Successful germination requires supplemental warmth and light beyond a typical windowsill. Utilizing a heat mat can raise the soil temperature to the optimal range of 70–85°F (21–29°C), significantly improving germination rates and speed. Once sprouted, seedlings need 14 to 16 hours of strong, direct light daily, necessitating the use of full-spectrum grow lights positioned just a few inches above the emerging leaves to prevent stretching.

Essential Pruning and Dormant Care

Late winter pruning is performed while deciduous plants are dormant, minimizing stress and the risk of transmitting diseases. Pruning now allows the plant to direct its energy toward healing the cuts before the spring growth flush begins. This timing is standard for many established fruit trees, including apples and pears, which benefit from shaping to maximize light penetration and air circulation within the canopy.

February is the ideal window for structural pruning of grapevines and cane-producing shrubs like raspberries and blackberries. For roses, removing old, crossing, or damaged canes stimulates vigorous new growth and improves the overall shape and bloom production. However, exercise caution with spring-flowering shrubs, such as lilacs, forsythia, and rhododendrons, which set their flower buds on the previous year’s growth; pruning them now will remove the season’s blooms.

Two primary types of cuts are used during dormant pruning: heading cuts and thinning cuts. A heading cut involves removing a portion of a branch back to a bud, which encourages dense, bushy growth immediately below the cut. Conversely, a thinning cut removes an entire branch back to the main trunk or a larger limb, which opens the canopy and improves light penetration without stimulating excessive growth near the cut point.

Applying a horticultural oil spray before the buds swell is an effective method of pest management for fruit trees and ornamental shrubs. These dormant oils work by smothering the eggs and overwintering stages of common pests, such as scale insects, mites, and aphids. The application must be timed carefully during a period of warmer temperatures, above 40°F (4°C), to ensure proper coverage and avoid damage to the bark.
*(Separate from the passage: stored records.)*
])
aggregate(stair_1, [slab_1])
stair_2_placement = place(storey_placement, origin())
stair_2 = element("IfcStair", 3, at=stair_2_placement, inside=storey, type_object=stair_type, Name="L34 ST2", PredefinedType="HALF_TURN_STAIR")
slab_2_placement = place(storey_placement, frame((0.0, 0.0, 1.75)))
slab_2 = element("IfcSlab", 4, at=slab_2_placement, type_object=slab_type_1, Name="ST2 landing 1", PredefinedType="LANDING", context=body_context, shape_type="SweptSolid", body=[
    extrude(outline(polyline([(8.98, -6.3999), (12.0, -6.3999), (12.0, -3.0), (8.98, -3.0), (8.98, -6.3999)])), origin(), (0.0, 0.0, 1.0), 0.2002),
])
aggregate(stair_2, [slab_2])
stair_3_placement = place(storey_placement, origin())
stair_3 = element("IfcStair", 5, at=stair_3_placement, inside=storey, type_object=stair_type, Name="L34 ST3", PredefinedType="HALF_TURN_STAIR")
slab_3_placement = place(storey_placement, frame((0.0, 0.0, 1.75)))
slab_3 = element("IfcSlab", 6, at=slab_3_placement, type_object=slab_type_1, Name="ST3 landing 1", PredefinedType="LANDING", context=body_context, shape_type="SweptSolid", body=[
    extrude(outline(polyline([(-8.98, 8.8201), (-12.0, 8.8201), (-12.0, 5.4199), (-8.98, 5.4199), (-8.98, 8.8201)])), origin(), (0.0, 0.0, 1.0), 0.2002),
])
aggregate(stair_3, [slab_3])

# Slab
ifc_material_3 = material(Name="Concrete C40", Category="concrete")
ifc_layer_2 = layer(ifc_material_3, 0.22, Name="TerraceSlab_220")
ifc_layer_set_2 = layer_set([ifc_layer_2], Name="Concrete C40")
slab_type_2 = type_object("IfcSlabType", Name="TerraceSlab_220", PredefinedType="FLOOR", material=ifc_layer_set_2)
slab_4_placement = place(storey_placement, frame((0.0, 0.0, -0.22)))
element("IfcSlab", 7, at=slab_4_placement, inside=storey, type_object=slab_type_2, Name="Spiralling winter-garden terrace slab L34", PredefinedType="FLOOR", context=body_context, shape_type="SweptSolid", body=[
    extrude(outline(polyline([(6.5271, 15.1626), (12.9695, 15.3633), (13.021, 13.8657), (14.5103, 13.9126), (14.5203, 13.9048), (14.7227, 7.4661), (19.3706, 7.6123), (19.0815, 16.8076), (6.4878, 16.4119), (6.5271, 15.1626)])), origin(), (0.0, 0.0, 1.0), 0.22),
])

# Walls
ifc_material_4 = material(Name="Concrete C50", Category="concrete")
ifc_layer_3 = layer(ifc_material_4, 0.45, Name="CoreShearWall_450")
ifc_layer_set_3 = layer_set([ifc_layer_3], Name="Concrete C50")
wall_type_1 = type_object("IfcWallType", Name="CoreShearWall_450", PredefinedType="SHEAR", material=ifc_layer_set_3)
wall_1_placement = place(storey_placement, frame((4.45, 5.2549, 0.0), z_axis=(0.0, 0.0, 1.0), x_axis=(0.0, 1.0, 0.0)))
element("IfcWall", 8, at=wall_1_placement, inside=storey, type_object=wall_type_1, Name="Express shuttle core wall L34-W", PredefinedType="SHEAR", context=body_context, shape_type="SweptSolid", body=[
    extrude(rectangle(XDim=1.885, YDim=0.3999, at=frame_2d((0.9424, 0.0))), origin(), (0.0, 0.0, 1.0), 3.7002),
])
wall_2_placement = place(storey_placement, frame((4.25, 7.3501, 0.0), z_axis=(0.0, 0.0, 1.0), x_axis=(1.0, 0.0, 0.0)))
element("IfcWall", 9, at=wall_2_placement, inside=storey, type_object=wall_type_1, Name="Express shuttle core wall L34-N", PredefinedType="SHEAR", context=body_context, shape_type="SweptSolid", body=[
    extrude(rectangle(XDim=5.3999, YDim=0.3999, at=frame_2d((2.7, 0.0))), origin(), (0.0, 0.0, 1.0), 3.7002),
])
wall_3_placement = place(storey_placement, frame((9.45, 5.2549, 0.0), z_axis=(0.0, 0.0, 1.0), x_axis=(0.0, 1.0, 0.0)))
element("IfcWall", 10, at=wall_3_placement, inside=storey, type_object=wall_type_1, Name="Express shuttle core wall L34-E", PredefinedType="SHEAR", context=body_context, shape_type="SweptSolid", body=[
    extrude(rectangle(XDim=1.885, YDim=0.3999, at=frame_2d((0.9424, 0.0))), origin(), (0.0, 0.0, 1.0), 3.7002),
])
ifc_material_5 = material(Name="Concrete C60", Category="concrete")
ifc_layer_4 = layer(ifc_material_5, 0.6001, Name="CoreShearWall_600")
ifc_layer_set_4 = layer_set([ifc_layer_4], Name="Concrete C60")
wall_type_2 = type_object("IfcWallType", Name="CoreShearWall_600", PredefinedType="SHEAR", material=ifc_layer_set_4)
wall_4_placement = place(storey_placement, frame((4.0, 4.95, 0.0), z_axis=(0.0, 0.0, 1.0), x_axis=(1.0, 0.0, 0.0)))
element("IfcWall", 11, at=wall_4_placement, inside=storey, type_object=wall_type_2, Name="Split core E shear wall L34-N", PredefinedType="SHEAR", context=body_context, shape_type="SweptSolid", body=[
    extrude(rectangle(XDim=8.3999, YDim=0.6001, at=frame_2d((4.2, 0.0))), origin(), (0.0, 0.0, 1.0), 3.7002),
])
Late in February, where the ground has begun to thaw, certain hardy perennial clumps can be divided to rejuvenate them. Robust plants like daylilies, hostas, and ornamental grasses often benefit from being lifted and separated every few years to encourage more vigorous flowering and foliage. The division process should be done quickly to minimize root exposure before the new sections are replanted immediately.

Outdoor Bed and Tool Preparation

February is the perfect time to collect soil samples from garden beds, containers, and lawn areas for laboratory analysis. Submitting samples now ensures that the results, including pH levels and nutrient deficiencies, are available well before the planting season begins. Knowing the soil composition allows for precise, targeted amendments rather than generalized applications of lime or fertilizer.
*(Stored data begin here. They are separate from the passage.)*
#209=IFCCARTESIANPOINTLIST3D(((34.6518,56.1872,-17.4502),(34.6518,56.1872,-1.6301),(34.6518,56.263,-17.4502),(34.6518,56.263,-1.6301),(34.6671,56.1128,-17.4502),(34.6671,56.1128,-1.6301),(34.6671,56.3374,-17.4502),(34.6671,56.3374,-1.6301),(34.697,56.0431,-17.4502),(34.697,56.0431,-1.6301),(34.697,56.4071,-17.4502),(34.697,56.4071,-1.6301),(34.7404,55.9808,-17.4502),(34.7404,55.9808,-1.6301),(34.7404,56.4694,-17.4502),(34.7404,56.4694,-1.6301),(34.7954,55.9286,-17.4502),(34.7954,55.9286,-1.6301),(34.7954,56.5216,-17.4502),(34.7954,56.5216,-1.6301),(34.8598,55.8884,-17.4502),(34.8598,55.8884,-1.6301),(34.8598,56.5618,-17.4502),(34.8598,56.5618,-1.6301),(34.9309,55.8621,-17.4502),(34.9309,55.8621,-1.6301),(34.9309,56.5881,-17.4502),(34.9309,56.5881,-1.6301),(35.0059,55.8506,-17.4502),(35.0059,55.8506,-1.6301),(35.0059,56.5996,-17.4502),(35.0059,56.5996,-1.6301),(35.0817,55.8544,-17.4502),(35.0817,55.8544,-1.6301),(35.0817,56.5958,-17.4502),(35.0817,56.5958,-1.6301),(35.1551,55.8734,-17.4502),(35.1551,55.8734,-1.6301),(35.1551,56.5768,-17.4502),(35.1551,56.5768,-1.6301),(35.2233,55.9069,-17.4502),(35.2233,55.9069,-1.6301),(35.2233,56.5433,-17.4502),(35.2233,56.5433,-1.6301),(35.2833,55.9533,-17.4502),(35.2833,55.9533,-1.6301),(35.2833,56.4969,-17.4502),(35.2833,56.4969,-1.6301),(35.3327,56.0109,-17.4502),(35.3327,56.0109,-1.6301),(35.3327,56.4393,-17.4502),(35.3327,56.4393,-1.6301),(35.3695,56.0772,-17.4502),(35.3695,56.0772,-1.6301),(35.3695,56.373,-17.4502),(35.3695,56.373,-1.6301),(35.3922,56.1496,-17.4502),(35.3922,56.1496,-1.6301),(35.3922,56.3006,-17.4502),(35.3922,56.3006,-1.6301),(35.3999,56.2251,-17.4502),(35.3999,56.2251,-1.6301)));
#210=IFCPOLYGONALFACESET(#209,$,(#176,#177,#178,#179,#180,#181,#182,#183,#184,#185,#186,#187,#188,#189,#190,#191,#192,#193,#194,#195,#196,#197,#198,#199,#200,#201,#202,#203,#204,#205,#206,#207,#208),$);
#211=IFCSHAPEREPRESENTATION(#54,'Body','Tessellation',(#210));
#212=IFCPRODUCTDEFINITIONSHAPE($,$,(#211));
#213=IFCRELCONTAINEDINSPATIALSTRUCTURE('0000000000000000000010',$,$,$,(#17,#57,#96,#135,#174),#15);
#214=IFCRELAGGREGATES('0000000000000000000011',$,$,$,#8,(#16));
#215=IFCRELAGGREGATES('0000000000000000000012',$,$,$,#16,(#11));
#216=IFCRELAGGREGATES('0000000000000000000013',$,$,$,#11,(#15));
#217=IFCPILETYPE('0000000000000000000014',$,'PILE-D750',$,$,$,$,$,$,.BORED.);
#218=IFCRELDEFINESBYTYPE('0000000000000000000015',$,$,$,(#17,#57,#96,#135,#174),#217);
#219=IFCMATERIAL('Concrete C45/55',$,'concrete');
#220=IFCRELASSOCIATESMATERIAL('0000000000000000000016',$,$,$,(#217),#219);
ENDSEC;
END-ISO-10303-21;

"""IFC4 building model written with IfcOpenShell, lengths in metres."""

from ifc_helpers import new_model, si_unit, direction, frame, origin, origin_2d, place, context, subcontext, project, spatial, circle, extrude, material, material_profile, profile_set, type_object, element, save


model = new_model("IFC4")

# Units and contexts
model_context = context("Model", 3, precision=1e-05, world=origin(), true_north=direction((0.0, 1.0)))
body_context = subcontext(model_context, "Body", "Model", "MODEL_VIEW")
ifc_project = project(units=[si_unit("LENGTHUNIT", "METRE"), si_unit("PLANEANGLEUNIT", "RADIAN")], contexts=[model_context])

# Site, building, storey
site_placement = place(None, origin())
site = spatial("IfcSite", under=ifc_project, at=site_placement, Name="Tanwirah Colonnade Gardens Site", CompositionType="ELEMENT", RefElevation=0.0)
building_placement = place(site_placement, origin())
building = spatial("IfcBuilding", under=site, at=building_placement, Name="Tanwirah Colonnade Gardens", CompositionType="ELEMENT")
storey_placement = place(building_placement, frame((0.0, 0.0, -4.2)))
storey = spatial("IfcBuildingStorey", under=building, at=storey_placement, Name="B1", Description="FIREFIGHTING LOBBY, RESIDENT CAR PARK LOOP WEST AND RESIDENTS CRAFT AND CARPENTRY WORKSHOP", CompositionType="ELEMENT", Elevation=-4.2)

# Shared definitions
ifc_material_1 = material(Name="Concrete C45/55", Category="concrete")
Remove any remaining winter debris, including spent annuals, old vegetable stalks, and leaves. Clearing this detritus eliminates overwintering sites for slugs, earwigs, and fungal spores, interrupting their lifecycle before spring. If old mulch has become compacted or decomposed into a habitat for pests, it should be raked away and replaced later with fresh material.

Preparation extends to garden equipment, starting with cleaning and inspection of all hand and power tools. Shovels, trowels, and hoes should be cleaned of caked-on dirt, then sharpened to improve their cutting and digging efficiency. Applying a light coat of boiled linseed oil to wooden handles and a thin layer of machine oil to metal parts prevents rust and prolongs the life of the equipment.

Inspecting and repairing season-extending structures, such as cold frames and hoop houses, is another important task this month. Check the plastic sheeting for any tears or weak points that could compromise the temperature regulation inside. These structures need to be ready to protect early-sown, cool-weather crops like spinach and lettuce, or to harden off the seedlings that were started indoors.